In a recent supervision release, Finland's Financial Supervisory Authority (FIN-FSA) published a summary of its updated sanctions risk assessment covering sectors supervised under the Anti-Money Laundering Act. The previous summary was issued in autumn 2024.

The assessment does not attempt to measure which sectors are most likely to breach sanctions. Instead, it evaluates whether the policies, procedures and internal controls in place are adequate in light of each sector’s sanctions risk exposure, particularly compliance with sanctions regulations and national freezing orders.

The regulator’s core conclusion is that overall sanctions risk exposure has not materially changed since the previous assessment.

But the areas of highest exposure remain clear. Sectors that facilitate quick and seamless cross-border transfers continue to sit in the higher-risk category. This includes credit and payment institutions offering international payment services, registered payment service providers and crypto-asset service providers.

The logic is straightforward. Where funds can move rapidly across borders, the risk environment is inherently more complex. That does not mean these firms are violating sanctions (the FIN-FSA explicitly notes that the assessment does not evaluate the likelihood of breaches) but it does mean their controls must be proportionately strong.

A Test of Post-Guideline Progress

The update focuses heavily on whether supervised entities have strengthened their controls since the FIN-FSA’s Regulations and Guidelines 4/2023 on customer due diligence related to compliance with sanctions regulations and national freezing orders came into force on 1 March 2024.

The original risk assessment relied on data from 2023. The updated version draws on information reported for 2024, along with supervisory findings from 2024 and 2025. In other words, this is the regulator’s first meaningful check-in on how firms responded after the new guidance became binding.

There are signs of progress. The most positive developments have occurred in the insurance sector and among authorised fund management companies, including UCITS and AIF managers. Entities in these sectors have reported that they have largely arranged their controls to meet the minimum requirements set out in law and in the FIN-FSA’s regulations.

That alignment, at least at the level of minimum compliance, marks a shift from the baseline observed in the earlier assessment.

Payment Sector Still Falling Short

The tone changes when it comes to payment services.

According to the updated assessment, development of controls in the payment services sector has not been sufficient when viewed against the sector’s sanctions risk exposure. Given the speed and cross-border nature of payment services, this gap carries particular supervisory weight.

The FIN-FSA points specifically to deficiencies in customer and transaction screening, controls that are central to preventing sanctioned individuals or entities from accessing the financial system. In sectors built on high transaction volumes and near-instant transfers, weaknesses in screening frameworks are not peripheral issues; they sit at the core of sanctions compliance.

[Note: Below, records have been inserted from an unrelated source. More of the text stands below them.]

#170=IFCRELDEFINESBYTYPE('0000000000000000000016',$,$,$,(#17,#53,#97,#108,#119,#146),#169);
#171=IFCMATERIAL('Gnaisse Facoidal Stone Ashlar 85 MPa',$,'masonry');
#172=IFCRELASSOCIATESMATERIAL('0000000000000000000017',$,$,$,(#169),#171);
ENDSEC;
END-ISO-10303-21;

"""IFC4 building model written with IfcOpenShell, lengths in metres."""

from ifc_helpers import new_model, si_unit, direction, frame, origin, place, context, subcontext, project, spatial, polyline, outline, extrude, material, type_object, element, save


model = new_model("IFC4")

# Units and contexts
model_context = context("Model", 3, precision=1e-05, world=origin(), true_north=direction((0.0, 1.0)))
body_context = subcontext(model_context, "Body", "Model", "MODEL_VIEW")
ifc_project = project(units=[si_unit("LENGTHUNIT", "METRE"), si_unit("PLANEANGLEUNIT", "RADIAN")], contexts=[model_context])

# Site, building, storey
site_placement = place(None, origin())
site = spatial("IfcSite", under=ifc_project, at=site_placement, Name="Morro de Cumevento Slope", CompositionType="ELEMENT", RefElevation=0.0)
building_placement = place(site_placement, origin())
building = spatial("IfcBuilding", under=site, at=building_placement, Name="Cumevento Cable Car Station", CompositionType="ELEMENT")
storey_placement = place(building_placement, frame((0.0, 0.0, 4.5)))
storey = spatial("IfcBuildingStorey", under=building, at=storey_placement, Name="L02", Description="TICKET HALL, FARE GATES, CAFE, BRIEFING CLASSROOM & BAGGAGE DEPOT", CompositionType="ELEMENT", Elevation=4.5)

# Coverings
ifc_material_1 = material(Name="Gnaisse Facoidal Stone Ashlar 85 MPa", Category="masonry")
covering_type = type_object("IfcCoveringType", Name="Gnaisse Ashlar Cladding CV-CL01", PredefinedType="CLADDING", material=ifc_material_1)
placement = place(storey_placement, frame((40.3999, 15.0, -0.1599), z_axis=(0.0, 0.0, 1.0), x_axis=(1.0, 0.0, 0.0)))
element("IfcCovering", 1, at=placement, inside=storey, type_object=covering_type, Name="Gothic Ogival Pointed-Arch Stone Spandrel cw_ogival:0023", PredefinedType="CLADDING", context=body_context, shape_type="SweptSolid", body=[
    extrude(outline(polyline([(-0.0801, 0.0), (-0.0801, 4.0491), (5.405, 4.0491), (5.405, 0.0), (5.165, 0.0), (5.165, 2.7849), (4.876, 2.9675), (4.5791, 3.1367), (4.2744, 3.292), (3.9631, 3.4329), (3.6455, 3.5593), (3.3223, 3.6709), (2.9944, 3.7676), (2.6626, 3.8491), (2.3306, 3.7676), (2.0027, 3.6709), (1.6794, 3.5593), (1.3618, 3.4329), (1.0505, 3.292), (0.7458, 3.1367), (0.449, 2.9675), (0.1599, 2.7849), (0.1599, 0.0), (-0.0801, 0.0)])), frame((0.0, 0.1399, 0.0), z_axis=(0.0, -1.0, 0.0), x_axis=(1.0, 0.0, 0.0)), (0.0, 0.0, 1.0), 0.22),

Targeted Supervision Ahead

The purpose of the sanctions risk assessment is to support the FIN-FSA’s risk-based supervision of compliance with obligations set out in Chapter 3, Section 16 of the Anti-Money Laundering Act.

Based on the updated findings, supervisory measures will now be targeted toward sectors where the level of controls is considered insufficient relative to sanctions risk exposure.

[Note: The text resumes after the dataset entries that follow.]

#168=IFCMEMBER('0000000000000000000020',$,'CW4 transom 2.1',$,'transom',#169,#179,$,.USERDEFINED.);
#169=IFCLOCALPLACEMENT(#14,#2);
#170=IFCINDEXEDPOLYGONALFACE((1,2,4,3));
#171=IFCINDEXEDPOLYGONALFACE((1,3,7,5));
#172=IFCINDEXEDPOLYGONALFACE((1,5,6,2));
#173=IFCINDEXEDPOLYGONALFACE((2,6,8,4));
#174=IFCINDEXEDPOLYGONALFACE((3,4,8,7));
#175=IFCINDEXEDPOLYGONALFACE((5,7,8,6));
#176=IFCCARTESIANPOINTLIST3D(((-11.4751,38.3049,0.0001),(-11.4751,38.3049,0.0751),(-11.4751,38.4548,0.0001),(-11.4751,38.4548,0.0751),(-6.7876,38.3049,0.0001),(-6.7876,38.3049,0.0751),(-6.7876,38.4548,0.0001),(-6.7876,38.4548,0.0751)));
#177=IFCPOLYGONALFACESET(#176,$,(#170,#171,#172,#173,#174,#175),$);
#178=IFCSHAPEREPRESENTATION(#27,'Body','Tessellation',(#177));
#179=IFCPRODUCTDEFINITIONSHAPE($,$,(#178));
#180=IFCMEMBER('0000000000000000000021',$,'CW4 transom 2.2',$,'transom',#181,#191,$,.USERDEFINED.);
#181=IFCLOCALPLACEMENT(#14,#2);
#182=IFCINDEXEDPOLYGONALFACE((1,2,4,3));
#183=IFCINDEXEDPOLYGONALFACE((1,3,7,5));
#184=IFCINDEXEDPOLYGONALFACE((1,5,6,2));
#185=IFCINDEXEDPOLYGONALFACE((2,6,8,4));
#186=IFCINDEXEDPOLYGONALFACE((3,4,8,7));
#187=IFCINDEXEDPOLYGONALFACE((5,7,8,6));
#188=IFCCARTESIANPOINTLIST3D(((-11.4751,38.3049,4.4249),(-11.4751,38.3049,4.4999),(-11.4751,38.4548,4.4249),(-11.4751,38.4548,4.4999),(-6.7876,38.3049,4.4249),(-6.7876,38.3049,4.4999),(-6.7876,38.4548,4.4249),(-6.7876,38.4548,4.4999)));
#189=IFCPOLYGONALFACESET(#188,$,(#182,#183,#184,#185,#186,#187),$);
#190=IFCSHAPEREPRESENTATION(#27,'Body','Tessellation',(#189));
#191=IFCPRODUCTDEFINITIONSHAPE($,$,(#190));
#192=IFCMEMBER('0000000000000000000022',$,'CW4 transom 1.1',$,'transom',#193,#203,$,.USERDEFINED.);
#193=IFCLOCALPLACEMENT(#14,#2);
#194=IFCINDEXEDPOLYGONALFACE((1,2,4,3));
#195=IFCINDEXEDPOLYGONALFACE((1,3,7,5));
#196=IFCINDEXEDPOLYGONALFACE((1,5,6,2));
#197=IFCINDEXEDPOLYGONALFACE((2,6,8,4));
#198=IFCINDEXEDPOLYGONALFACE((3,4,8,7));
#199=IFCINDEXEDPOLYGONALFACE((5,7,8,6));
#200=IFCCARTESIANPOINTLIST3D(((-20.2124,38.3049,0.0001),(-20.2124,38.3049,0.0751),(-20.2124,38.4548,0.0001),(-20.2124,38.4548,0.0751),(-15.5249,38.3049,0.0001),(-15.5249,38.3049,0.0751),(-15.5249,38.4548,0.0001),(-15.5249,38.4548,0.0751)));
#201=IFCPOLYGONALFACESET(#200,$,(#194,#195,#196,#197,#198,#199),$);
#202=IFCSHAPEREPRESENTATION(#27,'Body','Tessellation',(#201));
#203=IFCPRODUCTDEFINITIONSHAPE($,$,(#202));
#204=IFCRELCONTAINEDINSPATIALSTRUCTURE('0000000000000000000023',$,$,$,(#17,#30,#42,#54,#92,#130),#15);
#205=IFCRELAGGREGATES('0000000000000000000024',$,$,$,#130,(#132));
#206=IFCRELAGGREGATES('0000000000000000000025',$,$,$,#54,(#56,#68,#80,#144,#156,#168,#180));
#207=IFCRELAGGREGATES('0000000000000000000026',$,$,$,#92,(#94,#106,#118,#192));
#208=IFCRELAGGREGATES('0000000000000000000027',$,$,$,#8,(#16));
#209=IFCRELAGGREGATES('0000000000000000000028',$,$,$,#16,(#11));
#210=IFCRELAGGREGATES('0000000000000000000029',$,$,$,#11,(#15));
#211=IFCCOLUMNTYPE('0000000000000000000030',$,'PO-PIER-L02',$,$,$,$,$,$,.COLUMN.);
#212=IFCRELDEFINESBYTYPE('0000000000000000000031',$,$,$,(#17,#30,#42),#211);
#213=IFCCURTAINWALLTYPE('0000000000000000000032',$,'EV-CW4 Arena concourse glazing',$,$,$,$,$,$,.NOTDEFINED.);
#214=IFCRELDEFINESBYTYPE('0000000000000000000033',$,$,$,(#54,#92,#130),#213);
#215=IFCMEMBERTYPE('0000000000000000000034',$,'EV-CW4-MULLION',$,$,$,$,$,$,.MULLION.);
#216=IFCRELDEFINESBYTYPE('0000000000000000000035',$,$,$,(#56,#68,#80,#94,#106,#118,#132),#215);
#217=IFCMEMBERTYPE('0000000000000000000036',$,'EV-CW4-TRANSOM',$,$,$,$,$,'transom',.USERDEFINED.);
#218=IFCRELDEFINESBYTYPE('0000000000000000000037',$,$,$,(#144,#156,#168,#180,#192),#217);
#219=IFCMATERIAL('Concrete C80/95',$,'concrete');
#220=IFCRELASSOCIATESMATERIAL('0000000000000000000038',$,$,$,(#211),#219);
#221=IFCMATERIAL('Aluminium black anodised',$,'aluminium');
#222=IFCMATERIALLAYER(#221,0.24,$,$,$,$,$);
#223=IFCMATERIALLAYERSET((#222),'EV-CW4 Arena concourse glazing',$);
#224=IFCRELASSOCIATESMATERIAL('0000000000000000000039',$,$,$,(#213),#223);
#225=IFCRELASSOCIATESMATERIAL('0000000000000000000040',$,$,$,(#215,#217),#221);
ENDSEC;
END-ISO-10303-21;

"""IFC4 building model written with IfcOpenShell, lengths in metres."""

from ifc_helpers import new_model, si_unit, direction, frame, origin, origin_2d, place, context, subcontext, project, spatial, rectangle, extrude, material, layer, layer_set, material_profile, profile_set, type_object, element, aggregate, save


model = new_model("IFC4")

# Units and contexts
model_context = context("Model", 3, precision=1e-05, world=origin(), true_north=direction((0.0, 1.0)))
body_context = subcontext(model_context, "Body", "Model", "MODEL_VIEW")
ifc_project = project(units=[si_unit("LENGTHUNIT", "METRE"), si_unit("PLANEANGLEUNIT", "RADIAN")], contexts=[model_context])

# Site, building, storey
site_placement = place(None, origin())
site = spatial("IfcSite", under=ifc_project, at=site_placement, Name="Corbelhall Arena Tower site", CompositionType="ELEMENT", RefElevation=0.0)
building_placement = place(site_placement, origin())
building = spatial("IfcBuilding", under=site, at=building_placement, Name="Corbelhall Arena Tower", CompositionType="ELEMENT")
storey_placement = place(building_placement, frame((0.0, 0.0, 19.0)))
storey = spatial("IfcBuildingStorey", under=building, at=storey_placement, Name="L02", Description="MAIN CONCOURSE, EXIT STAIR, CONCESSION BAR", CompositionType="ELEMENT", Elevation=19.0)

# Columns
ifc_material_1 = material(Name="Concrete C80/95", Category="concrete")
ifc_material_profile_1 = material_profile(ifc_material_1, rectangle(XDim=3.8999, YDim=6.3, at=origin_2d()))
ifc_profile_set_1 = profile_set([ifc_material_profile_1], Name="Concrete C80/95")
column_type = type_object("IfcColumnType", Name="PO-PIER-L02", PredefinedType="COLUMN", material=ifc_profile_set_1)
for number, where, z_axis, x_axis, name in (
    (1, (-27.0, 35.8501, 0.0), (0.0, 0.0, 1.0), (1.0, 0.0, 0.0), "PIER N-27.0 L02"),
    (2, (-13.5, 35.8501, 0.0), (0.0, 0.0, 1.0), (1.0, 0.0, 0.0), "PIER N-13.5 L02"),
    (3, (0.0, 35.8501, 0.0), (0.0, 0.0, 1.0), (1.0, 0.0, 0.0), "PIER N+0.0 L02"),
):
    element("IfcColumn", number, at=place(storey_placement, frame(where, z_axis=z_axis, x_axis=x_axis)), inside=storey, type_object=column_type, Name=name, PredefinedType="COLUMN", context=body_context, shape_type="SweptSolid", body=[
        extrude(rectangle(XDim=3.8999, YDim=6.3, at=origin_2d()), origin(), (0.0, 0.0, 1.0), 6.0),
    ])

While overall exposure has not shifted, the regulator notes that sanctions regulations continue to evolve and that new observations related to sanctions evasion have been taken into account in the update. The message is less about new categories of risk emerging and more about ensuring that control environments keep pace with a sanctions landscape that remains politically and operationally sensitive.

For payment institutions and crypto-asset service providers in particular, the assessment reads as a signal that scrutiny will intensify—not because risk exposure has increased, but because control development has not kept up with it.